Tell me a little bit more about the visual world that you wanted to build around the record. To start with, that kind of hunky leading-man archetype seems to have gone, and I read that you dyed your hair the color it was in your childhood…
I mean, the hair is fake too, like everything. Look, I’m always dead serious about the music. Very serious. With Ugly Season, I want it to have this really snooty, stuffy, arty kind of vibe—I love all of that! But I also feel like I can be stupid and fake and funny, and I found I was craving that a bit more this time. Before Set My Heart on Fire, I was exercising twice a day and I was not eating bread. I was going hard. I was like, I’m going to be a star! Now, I just can’t be bothered to do that. Maybe everybody would like it more if I did, but I can’t. With Cody, I was like, I don’t want to serve at all. I don’t want to serve, but secretly that is the serve, do you know what I mean?
When I sent Cody everything I was thinking about that ended up being the record cover, it was all scenes from movies, it was all dynamics between people. It wasn’t an aesthetic thing; it was, like, an energetic thing. Same with the videos. We talked a lot about what the record is about, and how we wanted things to feel, but we were careful not to get obsessed with a certain look. I still love how I look in the pictures, by the way. And it taught me a lot about that weird kind of icky, dysmorphia-y stuff that has often been the place I start from, and I’ve never really liked any of the things that came out of that. I didn’t really do all that this time, but I feel better about how I look and feel, and so, I don’t know, I think I love the art for the record and the videos so much more.

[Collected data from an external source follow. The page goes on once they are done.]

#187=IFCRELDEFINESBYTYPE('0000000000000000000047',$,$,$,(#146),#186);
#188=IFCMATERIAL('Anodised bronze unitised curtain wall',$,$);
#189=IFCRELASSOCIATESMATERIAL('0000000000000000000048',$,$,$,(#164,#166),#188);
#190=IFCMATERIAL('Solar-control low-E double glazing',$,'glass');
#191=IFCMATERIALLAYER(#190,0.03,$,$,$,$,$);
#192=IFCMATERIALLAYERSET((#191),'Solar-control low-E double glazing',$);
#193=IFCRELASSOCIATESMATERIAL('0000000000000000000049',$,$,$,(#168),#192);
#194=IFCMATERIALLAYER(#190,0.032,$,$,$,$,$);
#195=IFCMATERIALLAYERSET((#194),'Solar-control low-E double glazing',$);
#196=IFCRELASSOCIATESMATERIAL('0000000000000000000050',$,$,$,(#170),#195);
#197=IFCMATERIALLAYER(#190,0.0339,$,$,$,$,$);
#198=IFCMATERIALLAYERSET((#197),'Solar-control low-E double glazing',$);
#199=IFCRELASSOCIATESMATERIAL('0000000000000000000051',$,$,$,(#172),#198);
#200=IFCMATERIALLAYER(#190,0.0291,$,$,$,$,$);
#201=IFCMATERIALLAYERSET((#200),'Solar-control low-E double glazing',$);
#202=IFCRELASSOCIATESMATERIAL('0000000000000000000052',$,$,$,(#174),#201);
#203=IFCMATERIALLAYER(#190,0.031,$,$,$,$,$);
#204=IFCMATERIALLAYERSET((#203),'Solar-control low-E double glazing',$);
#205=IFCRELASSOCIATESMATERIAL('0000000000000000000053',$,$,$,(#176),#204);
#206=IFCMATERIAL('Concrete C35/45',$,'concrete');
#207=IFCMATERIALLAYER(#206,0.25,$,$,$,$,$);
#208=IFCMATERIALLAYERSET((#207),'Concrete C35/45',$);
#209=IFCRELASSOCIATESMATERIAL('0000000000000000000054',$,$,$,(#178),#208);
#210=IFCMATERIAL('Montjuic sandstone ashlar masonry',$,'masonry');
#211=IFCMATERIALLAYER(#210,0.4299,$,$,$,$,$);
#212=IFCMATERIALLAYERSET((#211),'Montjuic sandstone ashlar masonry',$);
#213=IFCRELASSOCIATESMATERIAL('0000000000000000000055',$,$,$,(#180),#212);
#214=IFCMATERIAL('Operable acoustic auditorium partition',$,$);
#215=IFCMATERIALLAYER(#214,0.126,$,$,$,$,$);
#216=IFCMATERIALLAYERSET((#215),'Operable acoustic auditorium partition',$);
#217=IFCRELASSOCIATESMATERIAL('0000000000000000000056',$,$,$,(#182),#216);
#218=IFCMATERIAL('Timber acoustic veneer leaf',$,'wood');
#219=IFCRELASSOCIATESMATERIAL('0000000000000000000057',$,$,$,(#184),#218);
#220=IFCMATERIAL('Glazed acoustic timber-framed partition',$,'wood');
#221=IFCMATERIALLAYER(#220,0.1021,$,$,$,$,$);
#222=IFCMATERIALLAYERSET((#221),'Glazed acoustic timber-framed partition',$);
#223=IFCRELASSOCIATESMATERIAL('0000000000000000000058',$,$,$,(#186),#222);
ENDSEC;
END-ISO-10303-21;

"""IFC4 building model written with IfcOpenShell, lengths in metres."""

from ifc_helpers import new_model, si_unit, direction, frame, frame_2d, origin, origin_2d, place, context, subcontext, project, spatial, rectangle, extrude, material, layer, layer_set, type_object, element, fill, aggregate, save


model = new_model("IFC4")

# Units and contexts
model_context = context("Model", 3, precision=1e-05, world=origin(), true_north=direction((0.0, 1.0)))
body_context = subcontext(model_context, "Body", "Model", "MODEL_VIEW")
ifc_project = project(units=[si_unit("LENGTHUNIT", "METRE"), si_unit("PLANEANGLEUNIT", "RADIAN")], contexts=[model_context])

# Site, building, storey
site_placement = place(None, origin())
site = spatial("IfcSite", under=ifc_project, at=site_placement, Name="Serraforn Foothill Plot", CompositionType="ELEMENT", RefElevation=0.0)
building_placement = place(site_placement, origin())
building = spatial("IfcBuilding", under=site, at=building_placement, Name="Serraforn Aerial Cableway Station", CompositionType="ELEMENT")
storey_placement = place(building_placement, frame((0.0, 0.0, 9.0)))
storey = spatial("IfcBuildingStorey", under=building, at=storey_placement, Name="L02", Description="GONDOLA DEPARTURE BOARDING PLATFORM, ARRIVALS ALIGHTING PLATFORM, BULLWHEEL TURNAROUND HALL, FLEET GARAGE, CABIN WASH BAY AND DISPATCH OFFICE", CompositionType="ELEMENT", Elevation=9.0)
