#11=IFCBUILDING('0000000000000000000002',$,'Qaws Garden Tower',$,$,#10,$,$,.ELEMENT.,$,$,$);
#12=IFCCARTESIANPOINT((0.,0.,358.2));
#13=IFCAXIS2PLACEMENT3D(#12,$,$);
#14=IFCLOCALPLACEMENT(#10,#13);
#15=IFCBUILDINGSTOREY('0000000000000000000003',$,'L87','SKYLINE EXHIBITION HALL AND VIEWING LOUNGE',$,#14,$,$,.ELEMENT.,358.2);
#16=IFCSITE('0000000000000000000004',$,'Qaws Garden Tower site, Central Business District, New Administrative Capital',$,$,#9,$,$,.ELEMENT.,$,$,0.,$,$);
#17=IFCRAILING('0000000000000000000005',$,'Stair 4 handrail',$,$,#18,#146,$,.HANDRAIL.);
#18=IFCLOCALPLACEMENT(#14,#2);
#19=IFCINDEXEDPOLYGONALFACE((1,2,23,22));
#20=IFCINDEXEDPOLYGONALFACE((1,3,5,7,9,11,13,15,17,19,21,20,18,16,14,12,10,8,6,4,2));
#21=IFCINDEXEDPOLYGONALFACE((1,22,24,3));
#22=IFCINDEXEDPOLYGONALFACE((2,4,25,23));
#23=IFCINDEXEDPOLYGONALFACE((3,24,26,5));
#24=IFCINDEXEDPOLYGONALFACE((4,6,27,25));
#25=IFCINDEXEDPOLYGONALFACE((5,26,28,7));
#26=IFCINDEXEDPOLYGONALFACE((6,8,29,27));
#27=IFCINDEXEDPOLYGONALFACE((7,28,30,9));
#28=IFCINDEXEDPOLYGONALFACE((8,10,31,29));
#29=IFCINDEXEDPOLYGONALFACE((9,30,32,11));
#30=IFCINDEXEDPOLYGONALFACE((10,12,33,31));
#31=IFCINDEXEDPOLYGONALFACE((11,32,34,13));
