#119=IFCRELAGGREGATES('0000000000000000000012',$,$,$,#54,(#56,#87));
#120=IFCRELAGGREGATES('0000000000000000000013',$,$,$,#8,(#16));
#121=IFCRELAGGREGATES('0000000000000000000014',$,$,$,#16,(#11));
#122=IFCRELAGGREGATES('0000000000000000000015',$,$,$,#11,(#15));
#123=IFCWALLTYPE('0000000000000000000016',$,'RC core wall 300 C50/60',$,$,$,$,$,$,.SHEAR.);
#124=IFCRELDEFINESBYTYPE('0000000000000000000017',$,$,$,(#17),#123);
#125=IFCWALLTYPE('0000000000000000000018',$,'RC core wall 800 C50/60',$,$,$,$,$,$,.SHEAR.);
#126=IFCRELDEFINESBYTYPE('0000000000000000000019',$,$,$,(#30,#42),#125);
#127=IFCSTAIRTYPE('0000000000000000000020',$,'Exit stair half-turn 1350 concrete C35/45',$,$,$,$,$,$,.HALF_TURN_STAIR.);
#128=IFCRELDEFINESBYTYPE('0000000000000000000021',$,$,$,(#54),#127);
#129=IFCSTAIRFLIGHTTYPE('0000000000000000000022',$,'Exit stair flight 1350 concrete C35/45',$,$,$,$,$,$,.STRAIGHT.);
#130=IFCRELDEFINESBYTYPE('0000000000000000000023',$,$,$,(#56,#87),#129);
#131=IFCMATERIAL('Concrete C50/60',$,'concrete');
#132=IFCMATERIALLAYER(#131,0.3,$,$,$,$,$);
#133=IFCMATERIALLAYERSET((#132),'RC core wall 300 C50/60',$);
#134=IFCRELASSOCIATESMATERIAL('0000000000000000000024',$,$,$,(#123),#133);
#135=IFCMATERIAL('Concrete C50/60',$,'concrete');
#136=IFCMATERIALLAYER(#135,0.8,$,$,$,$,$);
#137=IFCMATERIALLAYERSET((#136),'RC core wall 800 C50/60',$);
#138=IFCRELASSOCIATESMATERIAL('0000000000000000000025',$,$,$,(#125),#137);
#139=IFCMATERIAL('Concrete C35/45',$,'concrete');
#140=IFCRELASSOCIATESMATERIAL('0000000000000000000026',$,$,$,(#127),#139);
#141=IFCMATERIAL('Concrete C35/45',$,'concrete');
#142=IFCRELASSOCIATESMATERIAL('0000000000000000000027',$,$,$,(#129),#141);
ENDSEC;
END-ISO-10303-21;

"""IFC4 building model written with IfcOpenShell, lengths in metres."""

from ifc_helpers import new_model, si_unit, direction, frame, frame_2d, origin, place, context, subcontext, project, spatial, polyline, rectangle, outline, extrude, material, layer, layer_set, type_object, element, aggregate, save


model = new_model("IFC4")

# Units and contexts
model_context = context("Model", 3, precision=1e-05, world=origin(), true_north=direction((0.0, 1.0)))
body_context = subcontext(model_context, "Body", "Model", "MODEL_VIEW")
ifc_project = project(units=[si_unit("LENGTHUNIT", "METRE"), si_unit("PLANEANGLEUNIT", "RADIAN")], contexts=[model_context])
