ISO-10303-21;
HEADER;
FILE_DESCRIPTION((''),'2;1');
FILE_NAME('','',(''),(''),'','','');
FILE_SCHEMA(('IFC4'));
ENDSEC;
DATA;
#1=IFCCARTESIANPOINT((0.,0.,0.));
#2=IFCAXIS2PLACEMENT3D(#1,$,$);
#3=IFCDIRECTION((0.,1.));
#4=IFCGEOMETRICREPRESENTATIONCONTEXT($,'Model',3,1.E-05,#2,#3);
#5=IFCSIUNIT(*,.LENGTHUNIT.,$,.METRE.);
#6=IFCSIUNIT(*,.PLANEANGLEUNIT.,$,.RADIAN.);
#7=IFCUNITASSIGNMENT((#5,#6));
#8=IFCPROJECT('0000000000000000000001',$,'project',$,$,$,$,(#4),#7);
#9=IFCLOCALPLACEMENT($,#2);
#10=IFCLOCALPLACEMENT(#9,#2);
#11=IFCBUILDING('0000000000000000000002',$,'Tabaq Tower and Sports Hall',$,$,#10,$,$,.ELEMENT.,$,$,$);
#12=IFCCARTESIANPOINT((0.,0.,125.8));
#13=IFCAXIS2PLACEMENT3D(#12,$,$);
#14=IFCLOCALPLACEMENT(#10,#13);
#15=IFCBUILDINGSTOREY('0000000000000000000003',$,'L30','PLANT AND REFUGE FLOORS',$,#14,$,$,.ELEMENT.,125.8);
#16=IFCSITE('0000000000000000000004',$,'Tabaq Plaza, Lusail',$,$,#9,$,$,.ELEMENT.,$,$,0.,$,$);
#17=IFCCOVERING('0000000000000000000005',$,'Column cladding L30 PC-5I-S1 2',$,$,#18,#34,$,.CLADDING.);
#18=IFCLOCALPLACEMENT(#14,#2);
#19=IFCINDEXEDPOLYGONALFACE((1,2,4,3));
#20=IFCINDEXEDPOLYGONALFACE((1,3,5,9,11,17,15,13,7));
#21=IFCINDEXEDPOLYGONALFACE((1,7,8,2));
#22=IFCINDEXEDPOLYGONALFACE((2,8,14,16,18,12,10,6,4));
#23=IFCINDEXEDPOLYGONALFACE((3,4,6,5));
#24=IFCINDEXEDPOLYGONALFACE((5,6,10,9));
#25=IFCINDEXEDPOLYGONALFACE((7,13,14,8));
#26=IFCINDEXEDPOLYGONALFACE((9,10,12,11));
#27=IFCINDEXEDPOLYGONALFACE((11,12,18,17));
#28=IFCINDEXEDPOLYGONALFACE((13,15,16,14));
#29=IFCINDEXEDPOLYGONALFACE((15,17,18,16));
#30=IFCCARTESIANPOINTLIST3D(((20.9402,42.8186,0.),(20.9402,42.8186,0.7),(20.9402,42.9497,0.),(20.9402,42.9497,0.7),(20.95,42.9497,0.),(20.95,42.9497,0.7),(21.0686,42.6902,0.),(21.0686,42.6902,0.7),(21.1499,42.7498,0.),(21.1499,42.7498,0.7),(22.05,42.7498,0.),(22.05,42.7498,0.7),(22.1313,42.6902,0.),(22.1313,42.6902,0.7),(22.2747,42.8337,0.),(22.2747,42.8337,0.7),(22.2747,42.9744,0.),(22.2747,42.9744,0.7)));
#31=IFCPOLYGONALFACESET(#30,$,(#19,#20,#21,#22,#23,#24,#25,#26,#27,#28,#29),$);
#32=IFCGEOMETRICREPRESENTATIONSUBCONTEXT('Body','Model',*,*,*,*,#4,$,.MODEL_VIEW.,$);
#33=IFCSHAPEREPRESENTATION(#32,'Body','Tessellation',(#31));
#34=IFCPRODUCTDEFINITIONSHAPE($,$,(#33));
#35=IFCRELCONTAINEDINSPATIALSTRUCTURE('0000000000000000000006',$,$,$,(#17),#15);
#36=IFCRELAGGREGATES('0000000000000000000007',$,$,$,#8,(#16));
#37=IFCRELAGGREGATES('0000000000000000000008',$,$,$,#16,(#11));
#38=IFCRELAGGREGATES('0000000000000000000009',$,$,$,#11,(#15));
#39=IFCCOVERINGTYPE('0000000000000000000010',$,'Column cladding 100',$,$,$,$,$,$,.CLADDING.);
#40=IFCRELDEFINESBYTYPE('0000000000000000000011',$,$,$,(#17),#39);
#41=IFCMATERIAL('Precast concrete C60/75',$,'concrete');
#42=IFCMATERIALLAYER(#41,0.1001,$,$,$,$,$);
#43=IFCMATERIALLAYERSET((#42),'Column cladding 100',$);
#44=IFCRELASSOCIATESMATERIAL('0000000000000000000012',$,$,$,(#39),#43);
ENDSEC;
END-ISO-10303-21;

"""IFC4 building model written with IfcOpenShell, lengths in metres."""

from ifc_helpers import new_model, si_unit, direction, frame, origin, place, context, subcontext, project, spatial, polyline, outline, extrude, material, layer, layer_set, type_object, element, save


model = new_model("IFC4")

# Units and contexts
model_context = context("Model", 3, precision=1e-05, world=origin(), true_north=direction((0.0, 1.0)))
body_context = subcontext(model_context, "Body", "Model", "MODEL_VIEW")
ifc_project = project(units=[si_unit("LENGTHUNIT", "METRE"), si_unit("PLANEANGLEUNIT", "RADIAN")], contexts=[model_context])

# Site, building, storey
site_placement = place(None, origin())
site = spatial("IfcSite", under=ifc_project, at=site_placement, Name="Tabaq Plaza, Lusail", CompositionType="ELEMENT", RefElevation=0.0)
building_placement = place(site_placement, origin())
building = spatial("IfcBuilding", under=site, at=building_placement, Name="Tabaq Tower and Sports Hall", CompositionType="ELEMENT")
storey_placement = place(building_placement, frame((0.0, 0.0, 125.8)))
storey = spatial("IfcBuildingStorey", under=building, at=storey_placement, Name="L30", Description="PLANT AND REFUGE FLOORS", CompositionType="ELEMENT", Elevation=125.8)

# Covering
ifc_material_1 = material(Name="Precast concrete C60/75", Category="concrete")
ifc_layer_1 = layer(ifc_material_1, 0.1001)
ifc_layer_set_1 = layer_set([ifc_layer_1], Name="Column cladding 100")
covering_type = type_object("IfcCoveringType", Name="Column cladding 100", PredefinedType="CLADDING", material=ifc_layer_set_1)
covering_1_placement = place(storey_placement, origin())
element("IfcCovering", 1, at=covering_1_placement, inside=storey, type_object=covering_type, Name="Column cladding L30 PC-5I-S1 2", PredefinedType="CLADDING", context=body_context, shape_type="SweptSolid", body=[
    extrude(outline(polyline([(22.1313, 42.6902), (21.0686, 42.6902), (20.9402, 42.8186), (20.9402, 42.9497), (20.95, 42.9497), (21.1499, 42.7498), (22.05, 42.7498), (22.2747, 42.9744), (22.2747, 42.8337), (22.1313, 42.6902)])), origin(), (0.0, 0.0, 1.0), 0.7),
])

save(model, "model.ifc")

What about that feeling of it existing out of time and place, or that sense of ambiguity, felt appropriate for this record?

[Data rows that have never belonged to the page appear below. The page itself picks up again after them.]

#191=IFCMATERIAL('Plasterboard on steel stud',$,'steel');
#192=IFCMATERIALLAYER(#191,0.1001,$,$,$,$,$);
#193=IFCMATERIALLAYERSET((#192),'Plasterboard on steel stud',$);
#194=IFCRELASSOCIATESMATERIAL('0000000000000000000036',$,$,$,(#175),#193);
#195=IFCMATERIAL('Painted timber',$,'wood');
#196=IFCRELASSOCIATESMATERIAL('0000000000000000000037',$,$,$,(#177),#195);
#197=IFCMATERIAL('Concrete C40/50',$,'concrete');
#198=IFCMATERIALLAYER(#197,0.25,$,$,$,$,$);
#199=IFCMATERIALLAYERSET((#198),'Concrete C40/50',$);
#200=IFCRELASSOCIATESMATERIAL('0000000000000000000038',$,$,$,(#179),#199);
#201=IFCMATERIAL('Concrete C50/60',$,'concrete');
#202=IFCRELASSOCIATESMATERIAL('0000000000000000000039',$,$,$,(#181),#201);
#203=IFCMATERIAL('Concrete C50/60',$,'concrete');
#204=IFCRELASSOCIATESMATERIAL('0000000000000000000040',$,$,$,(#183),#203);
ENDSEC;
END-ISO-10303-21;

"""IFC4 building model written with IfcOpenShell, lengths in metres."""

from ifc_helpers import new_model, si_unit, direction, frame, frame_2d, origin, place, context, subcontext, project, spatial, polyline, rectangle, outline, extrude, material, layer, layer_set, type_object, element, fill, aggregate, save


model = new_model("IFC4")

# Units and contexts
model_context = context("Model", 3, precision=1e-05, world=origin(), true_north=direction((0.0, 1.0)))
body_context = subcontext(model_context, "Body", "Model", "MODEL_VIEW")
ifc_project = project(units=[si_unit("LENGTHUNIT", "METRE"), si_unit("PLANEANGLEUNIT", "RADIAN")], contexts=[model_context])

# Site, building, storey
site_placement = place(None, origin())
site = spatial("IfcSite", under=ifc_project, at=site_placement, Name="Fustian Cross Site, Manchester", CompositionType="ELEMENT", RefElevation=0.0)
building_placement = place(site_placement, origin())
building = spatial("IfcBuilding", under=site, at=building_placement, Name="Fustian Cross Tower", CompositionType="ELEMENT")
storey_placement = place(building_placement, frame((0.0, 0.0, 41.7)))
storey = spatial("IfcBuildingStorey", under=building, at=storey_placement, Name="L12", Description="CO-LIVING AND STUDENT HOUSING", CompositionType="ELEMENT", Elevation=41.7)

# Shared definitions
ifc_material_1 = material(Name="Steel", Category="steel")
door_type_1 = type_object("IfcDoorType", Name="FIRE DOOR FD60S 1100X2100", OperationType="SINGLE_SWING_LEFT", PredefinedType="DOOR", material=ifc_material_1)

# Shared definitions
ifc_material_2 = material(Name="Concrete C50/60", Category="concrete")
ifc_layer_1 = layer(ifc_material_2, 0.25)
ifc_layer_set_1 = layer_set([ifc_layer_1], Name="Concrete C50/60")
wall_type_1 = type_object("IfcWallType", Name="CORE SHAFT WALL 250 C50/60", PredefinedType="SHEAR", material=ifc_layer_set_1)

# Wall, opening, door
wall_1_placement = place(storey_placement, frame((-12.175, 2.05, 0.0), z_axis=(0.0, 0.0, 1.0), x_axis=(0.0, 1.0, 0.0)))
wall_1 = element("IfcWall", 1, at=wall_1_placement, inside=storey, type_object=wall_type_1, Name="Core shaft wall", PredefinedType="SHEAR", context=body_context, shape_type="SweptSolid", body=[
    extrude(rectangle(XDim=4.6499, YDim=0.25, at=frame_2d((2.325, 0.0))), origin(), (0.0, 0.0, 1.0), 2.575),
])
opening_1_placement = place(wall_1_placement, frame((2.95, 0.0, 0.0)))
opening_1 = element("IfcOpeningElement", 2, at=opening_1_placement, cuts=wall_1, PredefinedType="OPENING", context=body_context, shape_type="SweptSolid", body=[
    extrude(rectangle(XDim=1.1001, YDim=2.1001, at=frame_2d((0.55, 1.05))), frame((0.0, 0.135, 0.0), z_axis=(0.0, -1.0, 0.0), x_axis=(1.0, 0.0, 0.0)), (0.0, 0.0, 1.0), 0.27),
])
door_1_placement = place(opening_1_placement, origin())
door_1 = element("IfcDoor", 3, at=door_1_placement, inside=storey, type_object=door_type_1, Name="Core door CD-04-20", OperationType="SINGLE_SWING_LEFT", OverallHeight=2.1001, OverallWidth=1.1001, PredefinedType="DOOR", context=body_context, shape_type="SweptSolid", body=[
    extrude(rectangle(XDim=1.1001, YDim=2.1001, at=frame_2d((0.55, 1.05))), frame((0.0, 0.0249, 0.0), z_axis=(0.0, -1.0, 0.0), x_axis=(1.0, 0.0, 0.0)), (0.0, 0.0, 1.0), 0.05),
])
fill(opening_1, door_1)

I think because the thing I was trying to get out was complicated, I didn’t want to belabor it. There’s still a sense of humor to it and a wink. Or if it goes into something really earnest, then next it should go into something very disgusting and fun, you know what I mean? All of these things existing at the same time is what’s interesting to me. I think you always want to make something that you would be really excited to watch. And when I watch that video with me in it and all of a sudden I’m screaming. “Yes, yes, yes!”—I’m just so excited about it—that’s a good way to feel, I think.
This interview has been edited and condensed for clarity.